Is this Conversion of Imperial Gallon To Liters Accurate?
Yes. This conversion is based on the exact definition of the Imperial gallon as 4.54609 liters. Because the liter is tied to an exact metric volume, the factor stays stable across textbooks, standards, and practical measurement work.
Our converter uses this fixed definition, so the result is reliable for study, engineering, shipping, and daily use. For how we choose and verify standard values, read our notes on accuracy standards.
Real Life Examples
Imperial gallons still show up in UK fuel economy, older equipment, and some trade contexts. Here are practical conversions you might actually need.
- Classic car fuel top up: You add 2 imp gal to the tank. That is 9.09218 L of fuel.
- Small jerry can marked in imp gal: A 5 imp gal container holds 22.73045 L. This helps if the pump shows liters.
- Workshop drum measurement: You drain 12 imp gal of coolant. That equals 54.55308 L for disposal paperwork.
- Home brewing batch size: A recipe calls for 3.5 imp gal of water. That is 15.911315 L for your metric kettle.
- Rainwater collection: Your gauge shows 0.5 imp gal collected. That equals 2.273045 L.
- Fuel economy comparison: If someone reports using 8 imp gal on a trip, that is 36.36872 L, useful for cost calculations in liters.

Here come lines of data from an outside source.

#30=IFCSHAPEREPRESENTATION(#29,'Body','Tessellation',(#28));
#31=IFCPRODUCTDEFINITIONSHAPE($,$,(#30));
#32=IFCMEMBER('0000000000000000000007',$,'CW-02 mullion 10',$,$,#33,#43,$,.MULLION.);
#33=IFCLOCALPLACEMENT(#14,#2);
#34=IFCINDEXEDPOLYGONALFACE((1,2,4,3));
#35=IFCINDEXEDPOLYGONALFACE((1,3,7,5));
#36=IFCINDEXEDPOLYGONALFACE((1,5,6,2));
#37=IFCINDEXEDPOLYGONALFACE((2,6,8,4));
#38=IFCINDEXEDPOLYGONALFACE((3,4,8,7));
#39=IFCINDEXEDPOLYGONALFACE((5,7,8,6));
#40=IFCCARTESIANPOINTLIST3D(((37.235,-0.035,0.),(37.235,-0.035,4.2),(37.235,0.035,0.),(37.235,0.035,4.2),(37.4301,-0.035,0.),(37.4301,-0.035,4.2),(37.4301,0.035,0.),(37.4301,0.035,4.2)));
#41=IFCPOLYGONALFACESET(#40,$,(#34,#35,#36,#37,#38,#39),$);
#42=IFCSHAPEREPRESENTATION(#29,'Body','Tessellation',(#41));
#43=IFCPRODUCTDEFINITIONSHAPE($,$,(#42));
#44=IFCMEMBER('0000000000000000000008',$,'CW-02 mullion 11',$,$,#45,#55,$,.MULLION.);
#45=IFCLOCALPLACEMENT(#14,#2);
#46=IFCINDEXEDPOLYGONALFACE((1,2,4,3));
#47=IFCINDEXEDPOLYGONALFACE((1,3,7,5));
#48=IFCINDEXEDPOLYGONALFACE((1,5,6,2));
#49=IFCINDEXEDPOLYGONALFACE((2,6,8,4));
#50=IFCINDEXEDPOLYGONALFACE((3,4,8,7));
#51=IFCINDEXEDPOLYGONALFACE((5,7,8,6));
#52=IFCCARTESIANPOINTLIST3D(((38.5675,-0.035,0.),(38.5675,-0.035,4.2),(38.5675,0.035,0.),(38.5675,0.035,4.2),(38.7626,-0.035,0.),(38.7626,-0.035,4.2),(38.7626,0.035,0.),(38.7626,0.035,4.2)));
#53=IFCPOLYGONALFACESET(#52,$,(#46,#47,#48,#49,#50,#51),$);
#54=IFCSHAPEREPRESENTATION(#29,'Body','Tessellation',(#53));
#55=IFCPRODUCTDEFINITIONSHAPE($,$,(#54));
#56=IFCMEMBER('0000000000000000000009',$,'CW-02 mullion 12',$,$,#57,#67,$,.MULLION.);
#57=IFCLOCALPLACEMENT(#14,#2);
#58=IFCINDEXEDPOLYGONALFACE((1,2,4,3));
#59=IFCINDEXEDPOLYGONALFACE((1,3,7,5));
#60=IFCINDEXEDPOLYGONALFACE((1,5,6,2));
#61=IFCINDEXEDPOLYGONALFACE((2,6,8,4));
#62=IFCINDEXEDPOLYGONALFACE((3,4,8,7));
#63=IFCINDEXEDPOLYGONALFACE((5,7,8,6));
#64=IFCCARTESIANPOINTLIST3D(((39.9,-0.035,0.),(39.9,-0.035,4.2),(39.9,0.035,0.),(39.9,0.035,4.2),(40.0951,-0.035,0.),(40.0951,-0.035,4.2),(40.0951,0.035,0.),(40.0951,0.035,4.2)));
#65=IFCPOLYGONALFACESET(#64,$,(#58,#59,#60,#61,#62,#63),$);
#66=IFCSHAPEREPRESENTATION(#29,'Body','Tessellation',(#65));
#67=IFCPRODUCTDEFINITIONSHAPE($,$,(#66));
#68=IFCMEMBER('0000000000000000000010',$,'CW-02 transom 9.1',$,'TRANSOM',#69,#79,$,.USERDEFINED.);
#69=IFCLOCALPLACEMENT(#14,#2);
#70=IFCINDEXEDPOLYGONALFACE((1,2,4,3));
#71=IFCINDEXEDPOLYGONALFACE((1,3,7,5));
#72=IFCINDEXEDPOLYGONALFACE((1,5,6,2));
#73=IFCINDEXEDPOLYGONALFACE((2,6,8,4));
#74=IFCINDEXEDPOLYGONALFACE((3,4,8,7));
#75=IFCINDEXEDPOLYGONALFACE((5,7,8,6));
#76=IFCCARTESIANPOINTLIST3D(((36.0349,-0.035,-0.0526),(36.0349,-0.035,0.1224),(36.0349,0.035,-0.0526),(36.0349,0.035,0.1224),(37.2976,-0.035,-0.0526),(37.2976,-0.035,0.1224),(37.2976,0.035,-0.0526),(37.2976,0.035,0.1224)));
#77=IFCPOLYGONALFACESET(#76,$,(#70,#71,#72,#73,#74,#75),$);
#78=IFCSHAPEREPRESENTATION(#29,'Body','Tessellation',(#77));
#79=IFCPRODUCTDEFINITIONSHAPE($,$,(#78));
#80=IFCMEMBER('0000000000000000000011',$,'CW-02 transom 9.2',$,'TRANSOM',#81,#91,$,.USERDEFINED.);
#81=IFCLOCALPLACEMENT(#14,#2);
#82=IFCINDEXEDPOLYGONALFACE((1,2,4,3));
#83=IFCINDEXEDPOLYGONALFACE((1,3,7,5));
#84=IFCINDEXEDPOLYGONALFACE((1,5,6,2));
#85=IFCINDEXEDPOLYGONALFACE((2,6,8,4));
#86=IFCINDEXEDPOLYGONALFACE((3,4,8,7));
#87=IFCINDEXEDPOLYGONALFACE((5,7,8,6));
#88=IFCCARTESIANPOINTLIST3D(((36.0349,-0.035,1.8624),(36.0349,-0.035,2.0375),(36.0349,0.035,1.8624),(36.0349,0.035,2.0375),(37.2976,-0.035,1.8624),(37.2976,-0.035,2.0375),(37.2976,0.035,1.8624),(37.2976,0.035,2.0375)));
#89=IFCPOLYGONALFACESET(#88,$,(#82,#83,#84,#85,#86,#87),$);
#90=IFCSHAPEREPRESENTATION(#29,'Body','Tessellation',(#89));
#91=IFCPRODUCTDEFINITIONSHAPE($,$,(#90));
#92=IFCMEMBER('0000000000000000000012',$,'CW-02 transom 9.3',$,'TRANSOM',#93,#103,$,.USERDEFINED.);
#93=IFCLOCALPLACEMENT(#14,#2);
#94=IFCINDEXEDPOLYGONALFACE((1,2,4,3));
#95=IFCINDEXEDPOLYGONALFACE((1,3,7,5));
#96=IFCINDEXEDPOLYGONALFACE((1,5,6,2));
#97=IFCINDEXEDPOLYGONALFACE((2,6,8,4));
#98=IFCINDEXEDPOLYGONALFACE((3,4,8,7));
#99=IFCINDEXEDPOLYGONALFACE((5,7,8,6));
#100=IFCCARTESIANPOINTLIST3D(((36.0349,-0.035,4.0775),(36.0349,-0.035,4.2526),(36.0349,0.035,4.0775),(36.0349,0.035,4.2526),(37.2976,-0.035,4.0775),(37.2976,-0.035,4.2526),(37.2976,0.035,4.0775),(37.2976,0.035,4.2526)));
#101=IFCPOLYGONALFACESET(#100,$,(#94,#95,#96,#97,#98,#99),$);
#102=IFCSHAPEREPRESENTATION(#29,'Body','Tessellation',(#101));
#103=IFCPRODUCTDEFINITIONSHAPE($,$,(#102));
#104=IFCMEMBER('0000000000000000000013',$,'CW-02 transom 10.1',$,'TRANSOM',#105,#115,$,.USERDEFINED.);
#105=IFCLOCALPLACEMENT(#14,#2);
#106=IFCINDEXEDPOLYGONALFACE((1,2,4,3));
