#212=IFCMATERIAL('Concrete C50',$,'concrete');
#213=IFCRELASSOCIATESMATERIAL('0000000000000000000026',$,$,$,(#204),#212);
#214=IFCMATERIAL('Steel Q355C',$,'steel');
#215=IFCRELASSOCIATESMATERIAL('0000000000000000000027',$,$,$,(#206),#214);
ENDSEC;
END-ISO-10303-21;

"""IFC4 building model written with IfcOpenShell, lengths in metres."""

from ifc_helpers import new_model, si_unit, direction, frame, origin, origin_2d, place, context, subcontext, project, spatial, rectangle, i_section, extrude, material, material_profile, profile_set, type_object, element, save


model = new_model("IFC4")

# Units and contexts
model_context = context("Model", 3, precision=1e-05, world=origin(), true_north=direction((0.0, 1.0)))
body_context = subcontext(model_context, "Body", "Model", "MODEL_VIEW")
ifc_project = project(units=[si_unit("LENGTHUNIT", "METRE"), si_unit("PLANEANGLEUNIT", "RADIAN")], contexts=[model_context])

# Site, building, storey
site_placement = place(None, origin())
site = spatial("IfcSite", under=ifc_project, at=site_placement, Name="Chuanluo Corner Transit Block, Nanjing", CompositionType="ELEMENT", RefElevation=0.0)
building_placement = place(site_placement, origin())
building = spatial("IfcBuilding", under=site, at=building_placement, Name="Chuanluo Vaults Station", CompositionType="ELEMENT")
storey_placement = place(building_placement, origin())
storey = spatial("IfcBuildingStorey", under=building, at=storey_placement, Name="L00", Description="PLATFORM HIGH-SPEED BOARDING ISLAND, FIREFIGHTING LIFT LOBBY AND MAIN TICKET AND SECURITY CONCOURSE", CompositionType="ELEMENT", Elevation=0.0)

- Cleaning solution mix: You need 0.25 imp gal of concentrate. That is 1.1365225 L.
Quick Tips
- Exact rule: multiply imp gal by 4.54609 to get liters.
- Fast estimate: 1 imp gal is about 4.55 L.
- Double check the type: Imperial gallon is larger than US gallon, so do not mix them.
- For rough mental math, do 4 × gallons, then add about 0.55 × gallons.
- Keep enough decimals for your job, fuel and lab work may need more precision than cooking.
- If you convert back, divide liters by 4.54609 to get imp gal.